Figure 3Up-regulation of TLE4 promotes cell proliferation and invasion activity of CRC cells
(A) Overexpression of TLE4 in SW480 and HT29 cells analyzed by Western blotting. α-Tubulin was used as a loading control. (B and C) Overexpression of TLE4 promotes SW480 and HT29 cell proliferation in MTT assays (B) and colony formation assays (C). (D) Ectopic expression of TLE4 promotes anchorage independent growth ability of SW480 and HT29 cells as determined by Soft agar assays. Colonies containing more than 50 cells were scored. Each bar represents the mean ± SD of 3 independent experiments. (E) The invasive abilities of CRC cells evaluated using the Matrigel-coated Boyden chamber invasion assay. Each bar represents the mean ± SD of three independent experiments (F) Xenograft model was built by injected SW480/Vector and SW480/TLE4 cells in nude mice (n = 5/group). Tumor volumes were measured on the indicated days. Data points are the mean tumor volumes ± SD. (G) The sections of tumor were under H & E staining or subjected to IHC staining using an antibody against Ki-67. (H) The expression of TLE4 in xenograft tumor was analyzed with Real-time PCR. Error bar represents the mean ± SD.
Figure 4Depletion of TLE4 inhibits cell proliferation and invasion activity
(A) RNAi-silencing of TLE4 in shRNA-transduced stable HCT15 and HCT116 cells. α-Tubulin was used as a loading control. (B and C) Reduction of endogenous TLE4 inhibited cell growth in MTT assays (B) and colony formation assays (C) *P < 0.01. (D) Silencing of TLE4 inhibited cell growth ability of HCT15 and HCT116 in Soft agar colony formation assays. Colonies containing more than 50 cells were scored. Error bar represents the mean ± SD of three independent experiments *P < 0.01. (E) The invasive abilities of CRC cells evaluated using the Matrigel-coated Boyden chamber invasion assay. Each bar represents the mean ± SD of three independent experiments. *P < 0.01. (F) Xenograft model was built by injected HCT116/vector and HCT116/shTLE4 cells in nude mice (n = 5/group). Tumor volumes were measured on the indicated days. Data points are the mean tumor volumes ± SD. (G) The sections of tumor were under H & E staining or subjected to IHC staining using an antibody against Ki-67. (H) Real-time PCR was used to test TLE4 expression in xenograft tumors formed from HCT116/Scramble and HCT116/shTLE4. Error bar represents the mean ± SD.

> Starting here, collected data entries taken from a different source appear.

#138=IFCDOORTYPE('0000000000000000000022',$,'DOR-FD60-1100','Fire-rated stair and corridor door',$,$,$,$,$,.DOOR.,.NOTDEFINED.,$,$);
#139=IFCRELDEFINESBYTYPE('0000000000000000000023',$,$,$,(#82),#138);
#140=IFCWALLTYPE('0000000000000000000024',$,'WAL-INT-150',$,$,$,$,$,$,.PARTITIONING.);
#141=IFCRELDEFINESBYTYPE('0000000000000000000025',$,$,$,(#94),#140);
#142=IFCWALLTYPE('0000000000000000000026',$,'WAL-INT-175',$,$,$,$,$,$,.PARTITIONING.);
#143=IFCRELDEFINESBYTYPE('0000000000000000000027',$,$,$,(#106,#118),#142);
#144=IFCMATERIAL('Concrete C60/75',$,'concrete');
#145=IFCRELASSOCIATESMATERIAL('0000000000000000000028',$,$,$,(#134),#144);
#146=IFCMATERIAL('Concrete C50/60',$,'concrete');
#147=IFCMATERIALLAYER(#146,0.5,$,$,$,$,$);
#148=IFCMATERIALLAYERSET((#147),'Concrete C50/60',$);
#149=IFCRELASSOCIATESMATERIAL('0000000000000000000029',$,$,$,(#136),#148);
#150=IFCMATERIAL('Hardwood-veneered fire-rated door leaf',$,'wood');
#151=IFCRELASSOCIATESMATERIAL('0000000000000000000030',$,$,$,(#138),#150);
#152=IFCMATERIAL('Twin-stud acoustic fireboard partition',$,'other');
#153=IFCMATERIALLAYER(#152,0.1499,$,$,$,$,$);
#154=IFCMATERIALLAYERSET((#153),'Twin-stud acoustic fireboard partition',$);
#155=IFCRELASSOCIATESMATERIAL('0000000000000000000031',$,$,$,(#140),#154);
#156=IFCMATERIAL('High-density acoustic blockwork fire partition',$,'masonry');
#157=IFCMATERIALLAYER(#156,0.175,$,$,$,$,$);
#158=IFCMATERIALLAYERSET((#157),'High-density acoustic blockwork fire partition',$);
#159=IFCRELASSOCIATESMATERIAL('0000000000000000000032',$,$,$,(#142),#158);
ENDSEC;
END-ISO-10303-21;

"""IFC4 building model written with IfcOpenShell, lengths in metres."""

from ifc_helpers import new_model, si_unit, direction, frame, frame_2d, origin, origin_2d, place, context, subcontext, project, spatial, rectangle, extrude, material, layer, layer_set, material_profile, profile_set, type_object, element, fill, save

Figure 5TLE4 activates JNK-c-Jun pathway in CRC cells
(A) TLE4 increases the JNK-c-Jun pathway activity and expression of cyclin D1 and P27Kip1 in CRC cells. (B) SW480/TLE4 and HT29/TLE4 cells were treated with JNK inhibitor SP600125 (10 μM) for 24 h. Inhibition of the JNK signaling inhibits the promoting effect of TLE4-overexpression on JNK-c-Jun activity in CRC cells. (C, D, E and F) Inhibition of the JNK signaling blocks the promoting effect of TLE4-overexpression on cell proliferation and invasion of CRC cells as determined by MTT assay (C), colony formation assay (D), soft agar assay (E) and migration assay (F) after treatment with SP600125 (10 μM). Error bars represent mean ± SD from 3 independent experiments; *P < 0.01.